Robert hope you guys kill em. We need more good rigg reports so us small boaters can jump on board the bigger boats going out and get in on some yellowfin action.


----------



## presnells (Dec 19, 2010)

About how far out is the floaters from the Destin Pass?


----------



## amarcafina (Aug 24, 2008)

We had to come back home for the Christmas stuff , but if we were still at the condo we would be going out there ! Good luck !


----------



## reelcanuck (Oct 6, 2007)

*Ram Powell from Destion*

About 116 nm at 226 degree heading


----------



## JMB (Jan 2, 2009)

We are going to grouper digging around the marathon. Thought about going long for the tuna, but since grouper will be closed till June or longer, tuna will be there after January. 

Good luck. We will keep an ear out for you. 

Will monitor 16/68. 26 glacier bay cuddy "Weeble Wobble".


----------



## shadylady (Jul 10, 2009)

I will be heading out Monday morning as well. We will be in a 40 riviera on 68.


----------



## cliff k (Oct 1, 2007)

good luck robert. knowing how good of a fisherman you are, im sure the report will be good.


----------



## sealark (Sep 27, 2007)

JMB said:


> We are going to grouper digging around the marathon. Thought about going long for the tuna, but since grouper will be closed till June or longer, tuna will be there after January.
> 
> Good luck. We will keep an ear out for you.
> 
> Will monitor 16/68. 26 glacier bay cuddy "Weeble Wobble".

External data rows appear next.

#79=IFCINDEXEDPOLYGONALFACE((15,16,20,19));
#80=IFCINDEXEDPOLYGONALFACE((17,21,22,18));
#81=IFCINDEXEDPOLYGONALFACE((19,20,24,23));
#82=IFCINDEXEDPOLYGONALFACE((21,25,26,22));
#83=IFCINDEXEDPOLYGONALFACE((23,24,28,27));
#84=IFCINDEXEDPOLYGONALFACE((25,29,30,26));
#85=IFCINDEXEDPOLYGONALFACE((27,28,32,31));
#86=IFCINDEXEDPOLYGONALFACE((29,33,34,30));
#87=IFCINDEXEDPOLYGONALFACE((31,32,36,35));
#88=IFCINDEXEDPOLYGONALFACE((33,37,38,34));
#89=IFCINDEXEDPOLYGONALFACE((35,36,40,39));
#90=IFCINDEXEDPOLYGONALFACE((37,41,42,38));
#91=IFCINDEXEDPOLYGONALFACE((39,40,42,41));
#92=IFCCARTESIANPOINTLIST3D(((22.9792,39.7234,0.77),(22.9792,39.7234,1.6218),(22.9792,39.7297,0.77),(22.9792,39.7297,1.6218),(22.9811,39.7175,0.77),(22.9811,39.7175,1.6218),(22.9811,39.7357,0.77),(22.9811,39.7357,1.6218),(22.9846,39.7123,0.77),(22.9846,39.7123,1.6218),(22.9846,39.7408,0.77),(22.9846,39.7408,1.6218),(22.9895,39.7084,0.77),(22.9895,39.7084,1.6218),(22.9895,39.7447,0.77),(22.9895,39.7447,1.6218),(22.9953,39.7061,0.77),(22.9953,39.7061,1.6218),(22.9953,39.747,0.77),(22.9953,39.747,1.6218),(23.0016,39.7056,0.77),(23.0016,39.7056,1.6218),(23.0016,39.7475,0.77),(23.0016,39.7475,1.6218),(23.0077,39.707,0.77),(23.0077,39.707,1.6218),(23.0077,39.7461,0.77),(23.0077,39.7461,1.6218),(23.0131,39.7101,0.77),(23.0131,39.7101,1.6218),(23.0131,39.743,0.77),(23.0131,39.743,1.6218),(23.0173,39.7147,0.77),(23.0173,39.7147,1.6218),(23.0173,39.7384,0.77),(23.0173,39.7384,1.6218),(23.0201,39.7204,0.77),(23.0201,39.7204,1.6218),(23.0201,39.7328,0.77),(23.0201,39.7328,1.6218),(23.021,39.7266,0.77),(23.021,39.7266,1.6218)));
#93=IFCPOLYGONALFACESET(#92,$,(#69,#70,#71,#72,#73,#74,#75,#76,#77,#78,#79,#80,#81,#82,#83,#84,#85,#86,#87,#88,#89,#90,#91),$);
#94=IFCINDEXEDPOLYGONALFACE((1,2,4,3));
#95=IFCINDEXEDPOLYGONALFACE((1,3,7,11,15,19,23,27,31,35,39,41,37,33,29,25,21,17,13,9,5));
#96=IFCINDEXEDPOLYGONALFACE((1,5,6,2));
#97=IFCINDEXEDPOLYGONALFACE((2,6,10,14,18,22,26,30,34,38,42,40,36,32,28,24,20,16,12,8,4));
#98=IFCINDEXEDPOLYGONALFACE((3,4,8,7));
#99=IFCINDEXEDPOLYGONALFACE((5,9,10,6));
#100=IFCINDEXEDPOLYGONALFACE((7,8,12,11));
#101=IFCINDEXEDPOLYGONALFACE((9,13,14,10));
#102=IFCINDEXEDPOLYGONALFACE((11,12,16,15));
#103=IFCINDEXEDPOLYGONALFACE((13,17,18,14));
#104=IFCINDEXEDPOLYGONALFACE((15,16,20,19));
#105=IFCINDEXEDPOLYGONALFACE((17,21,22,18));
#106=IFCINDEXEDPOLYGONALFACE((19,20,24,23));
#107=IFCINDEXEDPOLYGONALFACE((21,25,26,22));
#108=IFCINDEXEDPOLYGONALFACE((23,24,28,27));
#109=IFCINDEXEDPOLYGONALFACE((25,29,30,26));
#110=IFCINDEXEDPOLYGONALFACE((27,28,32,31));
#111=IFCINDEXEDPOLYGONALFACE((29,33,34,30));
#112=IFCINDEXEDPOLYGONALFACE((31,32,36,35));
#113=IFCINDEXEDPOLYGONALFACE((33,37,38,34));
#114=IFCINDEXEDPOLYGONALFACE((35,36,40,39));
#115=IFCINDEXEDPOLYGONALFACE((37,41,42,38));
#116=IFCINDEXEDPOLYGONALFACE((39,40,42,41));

Where did you hear or see this about Grouper being closed in the Gulf. I looked and all I saw was in the Atlantic it will be closed for 6 months. In the gulf closed for Feb and March like last year. If you have different info please correct me..:thumbup:


----------



## marlinchaser (Oct 11, 2007)

sealark said:


> Where did you hear or see this about Grouper being closed in the Gulf. I looked and all I saw was in the Atlantic it will be closed for 6 months. In the gulf closed for Feb and March like last year. If you have different info please correct me..:thumbup:


"Clay-Doh
Gag grouper is closing to recreational fishing in federal waters beginning January 1st 2011. Other groupers remain open, except for their usual seasonal closure in February and March. The rule lasts 180 days, as of right now the gag closure will be in effect until July 2011. "

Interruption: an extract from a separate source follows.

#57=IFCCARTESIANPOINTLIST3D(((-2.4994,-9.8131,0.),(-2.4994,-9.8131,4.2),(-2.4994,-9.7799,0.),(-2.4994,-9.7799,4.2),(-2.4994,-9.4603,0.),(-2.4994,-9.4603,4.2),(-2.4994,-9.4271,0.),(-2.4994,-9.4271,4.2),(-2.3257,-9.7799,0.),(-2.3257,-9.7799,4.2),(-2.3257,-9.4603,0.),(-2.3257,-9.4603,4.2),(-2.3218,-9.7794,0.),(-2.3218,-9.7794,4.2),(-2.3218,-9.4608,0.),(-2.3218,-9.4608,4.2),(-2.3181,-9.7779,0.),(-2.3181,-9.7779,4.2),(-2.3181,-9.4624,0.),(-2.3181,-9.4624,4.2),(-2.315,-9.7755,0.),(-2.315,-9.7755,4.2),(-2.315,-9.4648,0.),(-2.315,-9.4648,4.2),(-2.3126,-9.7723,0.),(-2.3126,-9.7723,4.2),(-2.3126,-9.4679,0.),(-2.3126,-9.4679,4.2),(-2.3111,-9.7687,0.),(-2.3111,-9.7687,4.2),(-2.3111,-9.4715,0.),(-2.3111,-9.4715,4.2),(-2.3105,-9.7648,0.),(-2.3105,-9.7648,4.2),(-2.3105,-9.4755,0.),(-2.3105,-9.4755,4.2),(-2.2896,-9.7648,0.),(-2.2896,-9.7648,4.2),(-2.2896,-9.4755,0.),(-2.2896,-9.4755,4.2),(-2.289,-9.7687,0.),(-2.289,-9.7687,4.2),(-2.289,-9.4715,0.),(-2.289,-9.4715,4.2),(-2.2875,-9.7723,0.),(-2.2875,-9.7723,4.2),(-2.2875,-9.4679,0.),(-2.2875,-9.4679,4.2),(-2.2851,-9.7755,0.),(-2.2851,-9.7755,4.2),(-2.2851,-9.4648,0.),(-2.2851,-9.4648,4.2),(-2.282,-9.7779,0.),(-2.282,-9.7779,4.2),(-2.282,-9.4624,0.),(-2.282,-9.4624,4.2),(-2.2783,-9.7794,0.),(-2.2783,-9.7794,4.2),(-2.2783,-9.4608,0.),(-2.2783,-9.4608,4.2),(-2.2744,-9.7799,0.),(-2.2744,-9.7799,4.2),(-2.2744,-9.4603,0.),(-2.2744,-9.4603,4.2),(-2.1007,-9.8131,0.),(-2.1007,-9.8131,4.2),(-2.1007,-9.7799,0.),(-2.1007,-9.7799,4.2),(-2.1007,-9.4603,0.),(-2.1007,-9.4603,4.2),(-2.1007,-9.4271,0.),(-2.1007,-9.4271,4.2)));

The above was posted by Gandy Girl in late Nov. She has been our unofficial go between to the Feds


----------



## JMB (Jan 2, 2009)

_*NOAA Announces Six Month Closure For Gulf of Mexico Gag Grouper* _

_NOAA Announces Six Month Closure For Gulf of Mexico Gag Grouper

by Michael "SnookMook" Wilson

The National Oceanic and Atmospheric Administration (NOAA) Fisheries Service has announced a six month closure for gag grouper in Gulf of Mexico federal waters. The closure will begin on January 1, 2011 and could be extended for an additional six months if NOAA deems it necessary. This interim rule will be in effect for 180 days and it could be extended for another 186 days upon further review.

At this time the Florida Fish and Wildlife Conservation Commission (FWC) will not extend this closure to state waters less than nine nautical miles from shore. This rule will also not affect the recreational catch of red or black grouper.

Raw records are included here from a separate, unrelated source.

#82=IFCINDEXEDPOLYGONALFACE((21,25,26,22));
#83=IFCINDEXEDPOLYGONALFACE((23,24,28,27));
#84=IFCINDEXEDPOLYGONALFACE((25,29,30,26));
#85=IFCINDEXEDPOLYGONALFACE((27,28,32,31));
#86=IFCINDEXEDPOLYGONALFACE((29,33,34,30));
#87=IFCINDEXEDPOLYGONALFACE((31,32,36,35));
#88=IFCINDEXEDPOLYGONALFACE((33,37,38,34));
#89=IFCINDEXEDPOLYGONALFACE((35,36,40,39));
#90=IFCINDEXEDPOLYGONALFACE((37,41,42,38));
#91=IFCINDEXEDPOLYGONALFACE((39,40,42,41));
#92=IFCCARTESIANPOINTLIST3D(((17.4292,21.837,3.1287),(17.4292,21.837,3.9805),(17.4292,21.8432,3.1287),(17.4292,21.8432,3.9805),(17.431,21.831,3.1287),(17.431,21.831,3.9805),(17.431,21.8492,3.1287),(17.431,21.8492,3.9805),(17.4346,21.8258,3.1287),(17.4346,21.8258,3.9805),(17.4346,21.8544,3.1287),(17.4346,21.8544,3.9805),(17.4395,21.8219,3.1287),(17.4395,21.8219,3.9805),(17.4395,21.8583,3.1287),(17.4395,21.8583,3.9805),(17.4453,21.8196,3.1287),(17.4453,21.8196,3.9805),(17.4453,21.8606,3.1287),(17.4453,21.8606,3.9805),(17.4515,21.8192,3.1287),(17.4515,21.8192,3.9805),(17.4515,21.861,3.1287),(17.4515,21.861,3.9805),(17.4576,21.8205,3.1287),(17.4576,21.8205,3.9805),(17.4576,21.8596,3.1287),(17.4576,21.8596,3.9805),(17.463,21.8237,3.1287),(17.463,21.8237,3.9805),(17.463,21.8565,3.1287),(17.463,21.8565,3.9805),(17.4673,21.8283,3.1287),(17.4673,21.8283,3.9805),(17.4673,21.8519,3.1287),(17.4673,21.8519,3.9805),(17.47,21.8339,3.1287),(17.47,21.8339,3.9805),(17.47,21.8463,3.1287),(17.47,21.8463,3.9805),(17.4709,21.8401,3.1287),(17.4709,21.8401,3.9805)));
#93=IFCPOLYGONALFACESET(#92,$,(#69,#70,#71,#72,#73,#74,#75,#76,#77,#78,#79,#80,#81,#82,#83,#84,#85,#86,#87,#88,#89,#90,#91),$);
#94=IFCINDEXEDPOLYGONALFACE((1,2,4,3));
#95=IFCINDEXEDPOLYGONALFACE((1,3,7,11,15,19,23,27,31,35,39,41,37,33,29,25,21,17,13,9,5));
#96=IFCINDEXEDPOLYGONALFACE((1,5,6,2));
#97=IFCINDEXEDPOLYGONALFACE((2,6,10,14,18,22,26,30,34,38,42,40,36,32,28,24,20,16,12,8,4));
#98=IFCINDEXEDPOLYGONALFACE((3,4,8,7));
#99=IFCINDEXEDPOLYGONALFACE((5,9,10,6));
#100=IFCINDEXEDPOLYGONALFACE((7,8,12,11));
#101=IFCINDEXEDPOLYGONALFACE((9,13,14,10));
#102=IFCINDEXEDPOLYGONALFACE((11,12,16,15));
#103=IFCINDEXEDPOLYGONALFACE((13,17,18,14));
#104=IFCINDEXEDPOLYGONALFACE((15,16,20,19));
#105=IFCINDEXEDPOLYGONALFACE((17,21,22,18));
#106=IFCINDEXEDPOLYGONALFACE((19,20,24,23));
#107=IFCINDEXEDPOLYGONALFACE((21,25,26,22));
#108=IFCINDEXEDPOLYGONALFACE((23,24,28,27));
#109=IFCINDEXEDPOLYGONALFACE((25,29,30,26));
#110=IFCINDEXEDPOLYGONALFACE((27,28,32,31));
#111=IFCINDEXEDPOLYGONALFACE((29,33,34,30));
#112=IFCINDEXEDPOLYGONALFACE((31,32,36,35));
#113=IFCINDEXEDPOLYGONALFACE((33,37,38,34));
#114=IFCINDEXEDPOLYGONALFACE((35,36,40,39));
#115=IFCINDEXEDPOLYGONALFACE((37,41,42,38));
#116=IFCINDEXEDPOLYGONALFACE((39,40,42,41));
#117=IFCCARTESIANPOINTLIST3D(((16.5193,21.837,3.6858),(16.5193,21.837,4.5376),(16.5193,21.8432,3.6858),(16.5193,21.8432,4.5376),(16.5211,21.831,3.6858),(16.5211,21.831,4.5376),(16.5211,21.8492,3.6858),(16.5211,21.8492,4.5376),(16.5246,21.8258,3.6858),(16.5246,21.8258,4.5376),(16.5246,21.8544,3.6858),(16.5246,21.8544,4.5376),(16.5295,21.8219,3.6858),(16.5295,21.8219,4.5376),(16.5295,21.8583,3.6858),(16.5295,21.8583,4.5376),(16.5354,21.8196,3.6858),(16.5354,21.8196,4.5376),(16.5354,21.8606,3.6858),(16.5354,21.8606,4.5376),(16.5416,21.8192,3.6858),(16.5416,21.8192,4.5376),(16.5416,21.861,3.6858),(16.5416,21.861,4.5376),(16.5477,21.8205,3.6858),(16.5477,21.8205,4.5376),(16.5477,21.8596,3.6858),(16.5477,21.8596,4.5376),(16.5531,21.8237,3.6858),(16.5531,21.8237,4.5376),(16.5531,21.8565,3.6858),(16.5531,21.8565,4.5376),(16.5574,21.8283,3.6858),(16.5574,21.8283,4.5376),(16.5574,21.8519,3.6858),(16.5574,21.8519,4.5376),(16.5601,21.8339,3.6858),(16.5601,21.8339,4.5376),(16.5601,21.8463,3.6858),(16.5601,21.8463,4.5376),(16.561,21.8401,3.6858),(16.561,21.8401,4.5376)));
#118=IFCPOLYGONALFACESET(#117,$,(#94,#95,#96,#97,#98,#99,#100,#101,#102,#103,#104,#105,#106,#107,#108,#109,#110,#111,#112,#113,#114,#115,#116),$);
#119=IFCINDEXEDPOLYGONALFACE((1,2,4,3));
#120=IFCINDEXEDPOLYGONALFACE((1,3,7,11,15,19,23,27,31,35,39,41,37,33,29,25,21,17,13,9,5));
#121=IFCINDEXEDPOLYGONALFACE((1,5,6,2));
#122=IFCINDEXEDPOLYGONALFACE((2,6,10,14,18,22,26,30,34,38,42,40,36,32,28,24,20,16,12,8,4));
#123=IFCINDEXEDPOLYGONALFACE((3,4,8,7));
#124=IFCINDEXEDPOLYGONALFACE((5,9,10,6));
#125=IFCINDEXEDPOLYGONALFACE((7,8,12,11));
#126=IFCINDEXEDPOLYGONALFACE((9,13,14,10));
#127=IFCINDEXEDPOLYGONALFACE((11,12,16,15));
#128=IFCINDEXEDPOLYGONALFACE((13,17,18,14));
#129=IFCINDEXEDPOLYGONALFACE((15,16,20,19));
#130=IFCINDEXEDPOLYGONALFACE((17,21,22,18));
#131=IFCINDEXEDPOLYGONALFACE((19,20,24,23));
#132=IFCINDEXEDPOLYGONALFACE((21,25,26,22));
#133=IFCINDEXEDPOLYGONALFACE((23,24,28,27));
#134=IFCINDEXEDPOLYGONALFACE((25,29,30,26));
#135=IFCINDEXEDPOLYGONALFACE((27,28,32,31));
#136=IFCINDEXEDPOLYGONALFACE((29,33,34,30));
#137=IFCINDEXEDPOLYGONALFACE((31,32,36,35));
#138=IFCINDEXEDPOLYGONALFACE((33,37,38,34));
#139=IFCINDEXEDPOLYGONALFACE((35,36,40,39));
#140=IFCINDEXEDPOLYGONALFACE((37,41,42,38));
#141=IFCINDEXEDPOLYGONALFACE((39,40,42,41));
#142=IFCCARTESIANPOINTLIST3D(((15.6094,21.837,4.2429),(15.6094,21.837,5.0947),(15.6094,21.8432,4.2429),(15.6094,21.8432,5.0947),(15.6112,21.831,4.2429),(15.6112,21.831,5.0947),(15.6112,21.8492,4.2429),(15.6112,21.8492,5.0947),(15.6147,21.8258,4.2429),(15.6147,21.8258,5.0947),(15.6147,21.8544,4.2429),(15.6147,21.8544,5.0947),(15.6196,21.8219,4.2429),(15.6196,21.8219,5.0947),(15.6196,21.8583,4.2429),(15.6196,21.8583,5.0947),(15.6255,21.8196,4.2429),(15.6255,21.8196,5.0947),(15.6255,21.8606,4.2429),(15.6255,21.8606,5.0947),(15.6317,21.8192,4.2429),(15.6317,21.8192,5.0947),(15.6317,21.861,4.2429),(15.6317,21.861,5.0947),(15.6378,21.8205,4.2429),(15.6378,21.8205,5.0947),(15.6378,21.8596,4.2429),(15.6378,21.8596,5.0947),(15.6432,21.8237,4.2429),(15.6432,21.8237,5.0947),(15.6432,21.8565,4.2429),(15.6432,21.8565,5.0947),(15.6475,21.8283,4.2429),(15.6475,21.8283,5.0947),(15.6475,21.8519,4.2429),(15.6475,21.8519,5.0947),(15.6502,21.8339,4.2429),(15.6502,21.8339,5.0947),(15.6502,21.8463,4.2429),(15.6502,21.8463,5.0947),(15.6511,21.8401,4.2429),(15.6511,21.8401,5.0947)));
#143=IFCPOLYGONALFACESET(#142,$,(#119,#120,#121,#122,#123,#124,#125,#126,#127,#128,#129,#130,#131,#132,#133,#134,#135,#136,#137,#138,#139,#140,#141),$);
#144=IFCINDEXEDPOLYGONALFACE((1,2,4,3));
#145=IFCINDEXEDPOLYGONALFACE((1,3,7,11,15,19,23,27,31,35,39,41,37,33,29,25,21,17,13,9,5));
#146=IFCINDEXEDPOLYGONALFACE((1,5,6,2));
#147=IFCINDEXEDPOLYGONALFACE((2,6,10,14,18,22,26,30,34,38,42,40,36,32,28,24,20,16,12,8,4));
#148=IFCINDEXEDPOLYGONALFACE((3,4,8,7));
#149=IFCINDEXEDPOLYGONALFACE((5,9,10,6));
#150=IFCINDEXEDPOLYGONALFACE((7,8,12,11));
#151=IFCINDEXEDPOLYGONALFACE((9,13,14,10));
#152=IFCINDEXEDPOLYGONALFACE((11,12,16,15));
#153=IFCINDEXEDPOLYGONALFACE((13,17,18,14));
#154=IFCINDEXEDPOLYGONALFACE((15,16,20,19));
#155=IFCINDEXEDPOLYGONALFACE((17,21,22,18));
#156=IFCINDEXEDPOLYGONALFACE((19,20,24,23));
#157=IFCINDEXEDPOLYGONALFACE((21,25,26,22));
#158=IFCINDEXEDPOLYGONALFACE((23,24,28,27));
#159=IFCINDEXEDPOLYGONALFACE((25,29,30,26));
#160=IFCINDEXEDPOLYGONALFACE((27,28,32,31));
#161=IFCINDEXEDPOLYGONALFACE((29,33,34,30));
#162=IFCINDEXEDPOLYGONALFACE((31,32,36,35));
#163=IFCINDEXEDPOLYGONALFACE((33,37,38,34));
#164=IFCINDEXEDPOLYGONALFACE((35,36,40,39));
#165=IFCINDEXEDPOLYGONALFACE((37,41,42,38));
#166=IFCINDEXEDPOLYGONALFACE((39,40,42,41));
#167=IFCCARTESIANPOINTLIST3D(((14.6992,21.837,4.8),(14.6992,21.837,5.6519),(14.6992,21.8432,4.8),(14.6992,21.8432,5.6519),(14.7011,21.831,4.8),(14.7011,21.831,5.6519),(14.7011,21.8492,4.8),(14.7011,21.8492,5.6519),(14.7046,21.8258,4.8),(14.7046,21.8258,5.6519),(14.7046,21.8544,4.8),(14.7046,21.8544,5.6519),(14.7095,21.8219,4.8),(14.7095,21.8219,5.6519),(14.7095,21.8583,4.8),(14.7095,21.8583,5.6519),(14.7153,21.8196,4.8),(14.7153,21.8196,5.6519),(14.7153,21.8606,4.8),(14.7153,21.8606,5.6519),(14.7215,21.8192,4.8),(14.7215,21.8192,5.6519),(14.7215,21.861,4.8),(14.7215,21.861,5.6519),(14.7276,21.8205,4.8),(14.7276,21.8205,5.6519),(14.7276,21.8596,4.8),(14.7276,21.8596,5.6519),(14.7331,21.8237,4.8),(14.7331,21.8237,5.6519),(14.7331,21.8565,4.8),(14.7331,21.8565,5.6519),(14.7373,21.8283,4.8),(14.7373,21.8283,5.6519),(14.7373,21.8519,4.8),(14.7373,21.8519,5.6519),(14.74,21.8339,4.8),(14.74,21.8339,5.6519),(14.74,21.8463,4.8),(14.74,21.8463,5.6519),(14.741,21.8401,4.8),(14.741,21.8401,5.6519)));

The FWC has updated the information at its grouper regulations page on its website. For more information see this link.

__http://myfwc.com/RULESANDREGS/Saltwa...ns_Grouper.htm_

_This is the official release from NOAA.

Contact: Kim Amendola (FOR IMMEDIATE RELEASE)
727- 551-5707 November 30, 2010

NOAA Announces Fishing Rules to Protect Gulf of Mexico Gag and Red Grouper

NOAA’s Fisheries Service has announced a temporary rule that will prohibit recreational fishing for gag grouper in Gulf of Mexico federal waters. The six-month rule becomes effective on January 1, 2011, and can be extended an additional six months if necessary.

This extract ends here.